Two BSTs (Binary Search Trees) are given. How to find largest common sub-tree in the given two binary trees?
EDIT 1:
Here is what I have thought:
Let, r1 = current node of 1st tree
r2 = current node of 2nd tree
There are some of the cases I think we need to consider:
Case 1 : r1.data < r2.data
2 subproblems to solve:
first, check r1 and r2.left
second, check r1.right and r2
Case 2 : r1.data > r2.data
2 subproblems to solve:
- first, check r1.left and r2
- second, check r1 and r2.right
Case 3 : r1.data == r2.data
Again, 2 cases to consider here:
(a) current node is part of largest common BST
compute common subtree size rooted at r1 and r2
(b)current node is NOT part of largest common BST
2 subproblems to solve:
first, solve r1.left and r2.left
second, solve r1.right and r2.right
I can think of the cases we need to check, but I am not able to code it, as of now. And it is NOT a homework problem. Does it look like?
Just hash the children and key of each node and look for duplicates. This would give a linear expected time algorithm. For example, see the following pseudocode, which assumes that there are no hash collisions (dealing with collisions would be straightforward):
ret = -1
// T is a tree node, H is a hash set, and first is a boolean flag
hashTree(T, H, first):
if (T is null):
return 0 // leaf case
h = hash(hashTree(T.left, H, first), hashTree(T.right, H, first), T.key)
if (first):
// store hashes of T1's nodes in the set H
H.insert(h)
else:
// check for hashes of T2's nodes in the set H containing T1's nodes
if H.contains(h):
ret = max(ret, size(T)) // size is recursive and memoized to get O(n) total time
return h
H = {}
hashTree(T1, H, true)
hashTree(T2, H, false)
return ret
Note that this is assuming the standard definition of a subtree of a BST, namely that a subtree consists of a node and all of its descendants.
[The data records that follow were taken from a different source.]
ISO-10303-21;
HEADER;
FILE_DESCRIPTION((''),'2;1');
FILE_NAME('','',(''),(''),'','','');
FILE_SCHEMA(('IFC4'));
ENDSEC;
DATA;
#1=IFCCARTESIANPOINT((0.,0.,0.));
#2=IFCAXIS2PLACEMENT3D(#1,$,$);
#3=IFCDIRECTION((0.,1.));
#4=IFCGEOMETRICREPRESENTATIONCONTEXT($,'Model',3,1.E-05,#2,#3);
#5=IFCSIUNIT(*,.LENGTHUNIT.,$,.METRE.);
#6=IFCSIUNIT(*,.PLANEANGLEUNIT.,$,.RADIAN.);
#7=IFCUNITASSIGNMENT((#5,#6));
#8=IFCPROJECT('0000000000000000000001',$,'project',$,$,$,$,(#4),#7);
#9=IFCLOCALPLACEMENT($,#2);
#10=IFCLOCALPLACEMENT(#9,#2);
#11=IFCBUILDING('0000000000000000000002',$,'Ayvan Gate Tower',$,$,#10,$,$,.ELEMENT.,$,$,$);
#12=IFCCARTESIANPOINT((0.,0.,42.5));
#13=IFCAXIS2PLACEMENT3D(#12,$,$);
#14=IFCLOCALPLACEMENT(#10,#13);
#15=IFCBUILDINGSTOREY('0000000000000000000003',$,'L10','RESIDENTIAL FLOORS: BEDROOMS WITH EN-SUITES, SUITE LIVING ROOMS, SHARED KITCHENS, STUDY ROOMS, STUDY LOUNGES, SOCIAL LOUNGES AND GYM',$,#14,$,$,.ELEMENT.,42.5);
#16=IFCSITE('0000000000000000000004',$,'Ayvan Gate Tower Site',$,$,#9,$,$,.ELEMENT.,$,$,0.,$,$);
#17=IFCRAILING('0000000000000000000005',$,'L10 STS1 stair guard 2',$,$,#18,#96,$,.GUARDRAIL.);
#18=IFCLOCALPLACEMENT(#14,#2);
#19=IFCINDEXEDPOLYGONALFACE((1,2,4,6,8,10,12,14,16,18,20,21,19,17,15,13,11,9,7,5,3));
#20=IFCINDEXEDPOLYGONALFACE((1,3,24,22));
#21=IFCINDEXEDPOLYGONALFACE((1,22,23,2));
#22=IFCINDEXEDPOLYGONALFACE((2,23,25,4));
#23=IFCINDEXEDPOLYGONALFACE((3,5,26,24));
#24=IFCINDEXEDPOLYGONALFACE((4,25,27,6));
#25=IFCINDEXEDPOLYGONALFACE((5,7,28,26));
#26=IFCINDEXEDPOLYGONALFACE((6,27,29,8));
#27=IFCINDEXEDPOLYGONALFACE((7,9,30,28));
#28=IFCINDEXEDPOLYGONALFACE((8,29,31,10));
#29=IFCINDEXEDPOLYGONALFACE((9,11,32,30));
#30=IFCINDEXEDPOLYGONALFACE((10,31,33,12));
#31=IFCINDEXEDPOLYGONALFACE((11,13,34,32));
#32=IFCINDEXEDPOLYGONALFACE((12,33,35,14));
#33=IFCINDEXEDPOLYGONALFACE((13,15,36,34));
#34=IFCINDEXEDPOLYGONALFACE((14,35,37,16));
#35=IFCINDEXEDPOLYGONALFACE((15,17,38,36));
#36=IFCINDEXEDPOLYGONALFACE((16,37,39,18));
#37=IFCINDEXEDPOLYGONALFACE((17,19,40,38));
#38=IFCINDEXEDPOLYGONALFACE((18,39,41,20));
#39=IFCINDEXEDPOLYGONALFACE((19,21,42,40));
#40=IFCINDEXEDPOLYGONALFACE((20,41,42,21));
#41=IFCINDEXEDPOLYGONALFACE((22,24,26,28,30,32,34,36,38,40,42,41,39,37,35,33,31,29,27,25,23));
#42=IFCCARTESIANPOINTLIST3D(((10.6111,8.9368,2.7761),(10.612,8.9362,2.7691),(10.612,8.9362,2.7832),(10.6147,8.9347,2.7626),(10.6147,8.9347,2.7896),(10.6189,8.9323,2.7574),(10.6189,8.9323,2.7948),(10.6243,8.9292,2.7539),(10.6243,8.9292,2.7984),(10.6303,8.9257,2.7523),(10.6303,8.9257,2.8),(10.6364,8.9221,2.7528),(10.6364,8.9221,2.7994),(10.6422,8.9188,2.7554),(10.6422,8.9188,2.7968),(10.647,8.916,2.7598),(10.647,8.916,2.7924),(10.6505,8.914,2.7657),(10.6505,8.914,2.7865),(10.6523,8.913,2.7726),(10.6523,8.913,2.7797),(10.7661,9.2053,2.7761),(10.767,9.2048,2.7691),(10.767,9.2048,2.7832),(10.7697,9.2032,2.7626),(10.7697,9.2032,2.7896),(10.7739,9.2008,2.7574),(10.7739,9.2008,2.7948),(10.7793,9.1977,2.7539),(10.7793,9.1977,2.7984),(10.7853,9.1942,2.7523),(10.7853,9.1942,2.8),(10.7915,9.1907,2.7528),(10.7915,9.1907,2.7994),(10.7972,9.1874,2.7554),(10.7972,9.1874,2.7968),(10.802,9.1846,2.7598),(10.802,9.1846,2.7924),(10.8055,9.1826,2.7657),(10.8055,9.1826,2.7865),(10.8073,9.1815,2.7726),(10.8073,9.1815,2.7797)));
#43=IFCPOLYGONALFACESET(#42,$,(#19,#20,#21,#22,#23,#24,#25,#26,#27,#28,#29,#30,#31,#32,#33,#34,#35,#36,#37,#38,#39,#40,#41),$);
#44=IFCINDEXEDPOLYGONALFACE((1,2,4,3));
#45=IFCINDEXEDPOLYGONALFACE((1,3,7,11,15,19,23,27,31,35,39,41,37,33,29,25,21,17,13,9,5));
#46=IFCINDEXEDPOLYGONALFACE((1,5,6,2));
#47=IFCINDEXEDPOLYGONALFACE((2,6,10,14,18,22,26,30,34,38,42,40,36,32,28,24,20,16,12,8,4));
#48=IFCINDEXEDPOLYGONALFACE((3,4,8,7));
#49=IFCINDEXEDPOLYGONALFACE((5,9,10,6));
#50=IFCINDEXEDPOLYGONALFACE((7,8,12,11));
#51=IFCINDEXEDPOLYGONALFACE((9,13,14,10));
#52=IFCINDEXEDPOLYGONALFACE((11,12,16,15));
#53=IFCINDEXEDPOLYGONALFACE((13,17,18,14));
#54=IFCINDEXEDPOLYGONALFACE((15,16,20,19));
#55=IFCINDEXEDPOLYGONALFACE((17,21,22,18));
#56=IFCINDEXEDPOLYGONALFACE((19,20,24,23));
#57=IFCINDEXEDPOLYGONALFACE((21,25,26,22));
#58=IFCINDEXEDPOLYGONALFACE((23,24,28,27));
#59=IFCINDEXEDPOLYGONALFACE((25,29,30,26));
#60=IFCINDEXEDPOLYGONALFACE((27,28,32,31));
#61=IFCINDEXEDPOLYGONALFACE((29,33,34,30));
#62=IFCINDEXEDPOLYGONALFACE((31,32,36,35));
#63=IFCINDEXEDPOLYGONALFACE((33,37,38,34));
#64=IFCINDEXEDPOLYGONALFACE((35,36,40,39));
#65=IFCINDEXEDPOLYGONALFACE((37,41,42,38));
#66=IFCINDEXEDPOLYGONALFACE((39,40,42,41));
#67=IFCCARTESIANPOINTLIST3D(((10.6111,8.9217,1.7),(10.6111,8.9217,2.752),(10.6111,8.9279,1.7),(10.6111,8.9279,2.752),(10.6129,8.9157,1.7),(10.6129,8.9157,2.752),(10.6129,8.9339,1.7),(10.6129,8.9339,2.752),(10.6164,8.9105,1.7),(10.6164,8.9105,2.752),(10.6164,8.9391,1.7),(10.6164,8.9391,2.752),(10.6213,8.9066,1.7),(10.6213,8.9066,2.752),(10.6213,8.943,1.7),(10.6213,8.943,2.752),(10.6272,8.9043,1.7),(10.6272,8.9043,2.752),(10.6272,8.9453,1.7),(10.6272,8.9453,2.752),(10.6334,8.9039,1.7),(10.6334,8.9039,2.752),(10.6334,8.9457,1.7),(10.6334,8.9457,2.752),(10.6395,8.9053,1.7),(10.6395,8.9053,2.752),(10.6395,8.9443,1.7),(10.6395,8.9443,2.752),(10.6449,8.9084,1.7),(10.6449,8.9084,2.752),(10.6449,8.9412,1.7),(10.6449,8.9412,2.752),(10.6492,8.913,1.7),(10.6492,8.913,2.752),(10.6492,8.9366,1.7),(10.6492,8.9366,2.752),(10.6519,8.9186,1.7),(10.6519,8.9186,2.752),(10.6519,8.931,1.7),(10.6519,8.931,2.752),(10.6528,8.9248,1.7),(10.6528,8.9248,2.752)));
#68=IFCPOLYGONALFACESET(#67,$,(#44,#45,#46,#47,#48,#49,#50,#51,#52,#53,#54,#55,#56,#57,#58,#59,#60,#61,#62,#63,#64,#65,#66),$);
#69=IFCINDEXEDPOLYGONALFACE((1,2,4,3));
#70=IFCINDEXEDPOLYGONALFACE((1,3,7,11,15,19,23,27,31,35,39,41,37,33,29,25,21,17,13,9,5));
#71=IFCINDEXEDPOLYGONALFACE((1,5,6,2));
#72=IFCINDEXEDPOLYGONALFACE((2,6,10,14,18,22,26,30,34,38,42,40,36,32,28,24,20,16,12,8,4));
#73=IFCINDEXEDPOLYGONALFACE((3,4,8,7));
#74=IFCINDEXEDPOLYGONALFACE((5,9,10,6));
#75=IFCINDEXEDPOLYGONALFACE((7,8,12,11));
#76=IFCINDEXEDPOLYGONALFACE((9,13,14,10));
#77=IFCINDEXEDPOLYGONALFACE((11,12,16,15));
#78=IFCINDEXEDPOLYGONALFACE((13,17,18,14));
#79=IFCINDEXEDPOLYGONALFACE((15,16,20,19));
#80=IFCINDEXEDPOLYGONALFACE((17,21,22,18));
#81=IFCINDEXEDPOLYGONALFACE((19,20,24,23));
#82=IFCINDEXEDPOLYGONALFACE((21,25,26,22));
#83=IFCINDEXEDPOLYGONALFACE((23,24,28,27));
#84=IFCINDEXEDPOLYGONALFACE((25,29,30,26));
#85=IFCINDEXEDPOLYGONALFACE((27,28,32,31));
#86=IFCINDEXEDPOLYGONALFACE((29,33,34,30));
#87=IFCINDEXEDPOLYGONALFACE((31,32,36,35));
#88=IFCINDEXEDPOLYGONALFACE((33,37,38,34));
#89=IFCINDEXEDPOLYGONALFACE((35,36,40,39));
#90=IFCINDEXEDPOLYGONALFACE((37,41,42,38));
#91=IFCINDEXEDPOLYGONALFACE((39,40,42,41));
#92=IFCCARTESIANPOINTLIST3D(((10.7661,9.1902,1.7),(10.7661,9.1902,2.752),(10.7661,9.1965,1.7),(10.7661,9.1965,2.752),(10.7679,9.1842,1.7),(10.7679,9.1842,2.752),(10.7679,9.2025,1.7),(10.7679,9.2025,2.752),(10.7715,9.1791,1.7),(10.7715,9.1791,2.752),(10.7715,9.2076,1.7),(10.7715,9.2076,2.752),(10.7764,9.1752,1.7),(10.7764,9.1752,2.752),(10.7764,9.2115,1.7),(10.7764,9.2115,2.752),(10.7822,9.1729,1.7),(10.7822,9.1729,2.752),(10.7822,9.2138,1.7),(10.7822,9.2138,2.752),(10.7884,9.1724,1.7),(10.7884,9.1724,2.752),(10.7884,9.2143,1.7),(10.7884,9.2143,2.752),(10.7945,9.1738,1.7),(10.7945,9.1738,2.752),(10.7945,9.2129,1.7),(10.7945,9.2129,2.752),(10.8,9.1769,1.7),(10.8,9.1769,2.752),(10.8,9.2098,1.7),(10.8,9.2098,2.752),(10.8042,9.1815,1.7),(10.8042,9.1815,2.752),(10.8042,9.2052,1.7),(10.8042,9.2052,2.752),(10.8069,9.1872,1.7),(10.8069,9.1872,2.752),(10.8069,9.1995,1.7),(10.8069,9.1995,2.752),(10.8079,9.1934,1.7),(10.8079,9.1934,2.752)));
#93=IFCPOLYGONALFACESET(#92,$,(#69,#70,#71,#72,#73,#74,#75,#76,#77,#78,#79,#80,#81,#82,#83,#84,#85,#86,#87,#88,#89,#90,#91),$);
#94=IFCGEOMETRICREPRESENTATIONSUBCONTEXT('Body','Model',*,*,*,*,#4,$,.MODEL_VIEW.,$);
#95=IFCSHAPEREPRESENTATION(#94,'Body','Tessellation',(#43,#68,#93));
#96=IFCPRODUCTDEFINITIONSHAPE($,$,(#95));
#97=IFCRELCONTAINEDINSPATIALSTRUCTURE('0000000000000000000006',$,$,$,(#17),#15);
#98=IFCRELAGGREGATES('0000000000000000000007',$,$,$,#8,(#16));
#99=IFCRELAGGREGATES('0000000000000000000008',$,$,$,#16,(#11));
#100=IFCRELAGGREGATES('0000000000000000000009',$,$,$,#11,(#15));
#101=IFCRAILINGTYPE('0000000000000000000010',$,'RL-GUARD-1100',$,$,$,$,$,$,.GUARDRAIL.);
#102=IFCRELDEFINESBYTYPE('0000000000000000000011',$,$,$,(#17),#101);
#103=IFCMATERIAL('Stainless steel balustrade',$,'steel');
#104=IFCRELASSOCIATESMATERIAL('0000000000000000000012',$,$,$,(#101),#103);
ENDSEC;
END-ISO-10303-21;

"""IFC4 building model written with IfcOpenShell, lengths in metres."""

from ifc_helpers import new_model, si_unit, direction, frame, origin, origin_2d, place, context, subcontext, project, spatial, circle, extrude, material, type_object, element, save


model = new_model("IFC4")

# Units and contexts
model_context = context("Model", 3, precision=1e-05, world=origin(), true_north=direction((0.0, 1.0)))
body_context = subcontext(model_context, "Body", "Model", "MODEL_VIEW")
ifc_project = project(units=[si_unit("LENGTHUNIT", "METRE"), si_unit("PLANEANGLEUNIT", "RADIAN")], contexts=[model_context])

# Site, building, storey
site_placement = place(None, origin())
site = spatial("IfcSite", under=ifc_project, at=site_placement, Name="Ayvan Gate Tower Site", CompositionType="ELEMENT", RefElevation=0.0)
building_placement = place(site_placement, origin())
building = spatial("IfcBuilding", under=site, at=building_placement, Name="Ayvan Gate Tower", CompositionType="ELEMENT")
storey_placement = place(building_placement, frame((0.0, 0.0, 42.5)))
storey = spatial("IfcBuildingStorey", under=building, at=storey_placement, Name="L10", Description="RESIDENTIAL FLOORS: BEDROOMS WITH EN-SUITES, SUITE LIVING ROOMS, SHARED KITCHENS, STUDY ROOMS, STUDY LOUNGES, SOCIAL LOUNGES AND GYM", CompositionType="ELEMENT", Elevation=42.5)

# Railing
ifc_material_1 = material(Name="Stainless steel balustrade", Category="steel")
railing_type_1 = type_object("IfcRailingType", Name="RL-GUARD-1100", PredefinedType="GUARDRAIL", material=ifc_material_1)
railing_1_placement = place(storey_placement, frame((10.6318, 8.9248, 1.7)))
element("IfcRailing", 1, at=railing_1_placement, inside=storey, type_object=railing_type_1, Name="L10 STS1 stair guard 2", PredefinedType="GUARDRAIL", context=body_context, shape_type="SweptSolid", body=[
    extrude(circle(Radius=0.0239, at=origin_2d()), frame((0.0, 0.0, 1.0762), z_axis=(0.49995, 0.866054, 0.0), x_axis=(-0.866054, 0.49995, 0.0)), (0.0, 0.0, 1.0), 0.3101),
    extrude(circle(Radius=0.021, at=origin_2d()), origin(), (0.0, 0.0, 1.0), 1.052),
    extrude(circle(Radius=0.021, at=origin_2d()), frame((0.155, 0.2686, 0.0)), (0.0, 0.0, 1.0), 1.052),
])

save(model, "model.ifc")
Assuming there are no duplicate values in the trees:
LargestSubtree(Tree tree1, Tree tree2)
Int bestMatch := 0
Int bestMatchCount := 0
For each Node n in tree1 //should iterate breadth-first
//possible optimization: we can skip every node that is part of each subtree we find
Node n2 := BinarySearch(tree2(n.value))
Int matchCount := CountMatches(n, n2)
If (matchCount > bestMatchCount)
bestMatch := n.value
bestMatchCount := matchCount
End
End
Return ExtractSubtree(BinarySearch(tree1(bestMatch)), BinarySearch(tree2(bestMatch)))
End
CountMatches(Node n1, Node n2)
If (!n1 || !n2 || n1.value != n2.value)
Return 0
End
Return 1 + CountMatches(n1.left, n2.left) + CountMatches(n1.right, n2.right)
End
ExtractSubtree(Node n1, Node n2)
If (!n1 || !n2 || n1.value != n2.value)
Return nil
End
Node result := New Node(n1.value)
result.left := ExtractSubtree(n1.left, n2.left)
result.right := ExtractSubtree(n1.right, n2.right)
Return result
End
To briefly explain, this is a brute-force solution to the problem. It does a breadth-first walk of the first tree. For each node, it performs a BinarySearch of the second tree to locate the corresponding node in that tree. Then using those nodes it evaluates the total size of the common subtree rooted there. If the subtree is larger than any previously found subtree, it remembers it for later so that it can construct and return a copy of the largest subtree when the algorithm completes.
This algorithm does not handle duplicate values. It could be extended to do so by using a BinarySearch implementation that returns a list of all nodes with the given value, instead of just a single node. Then the algorithm could iterate this list and evaluate the subtree for each node and then proceed as normal.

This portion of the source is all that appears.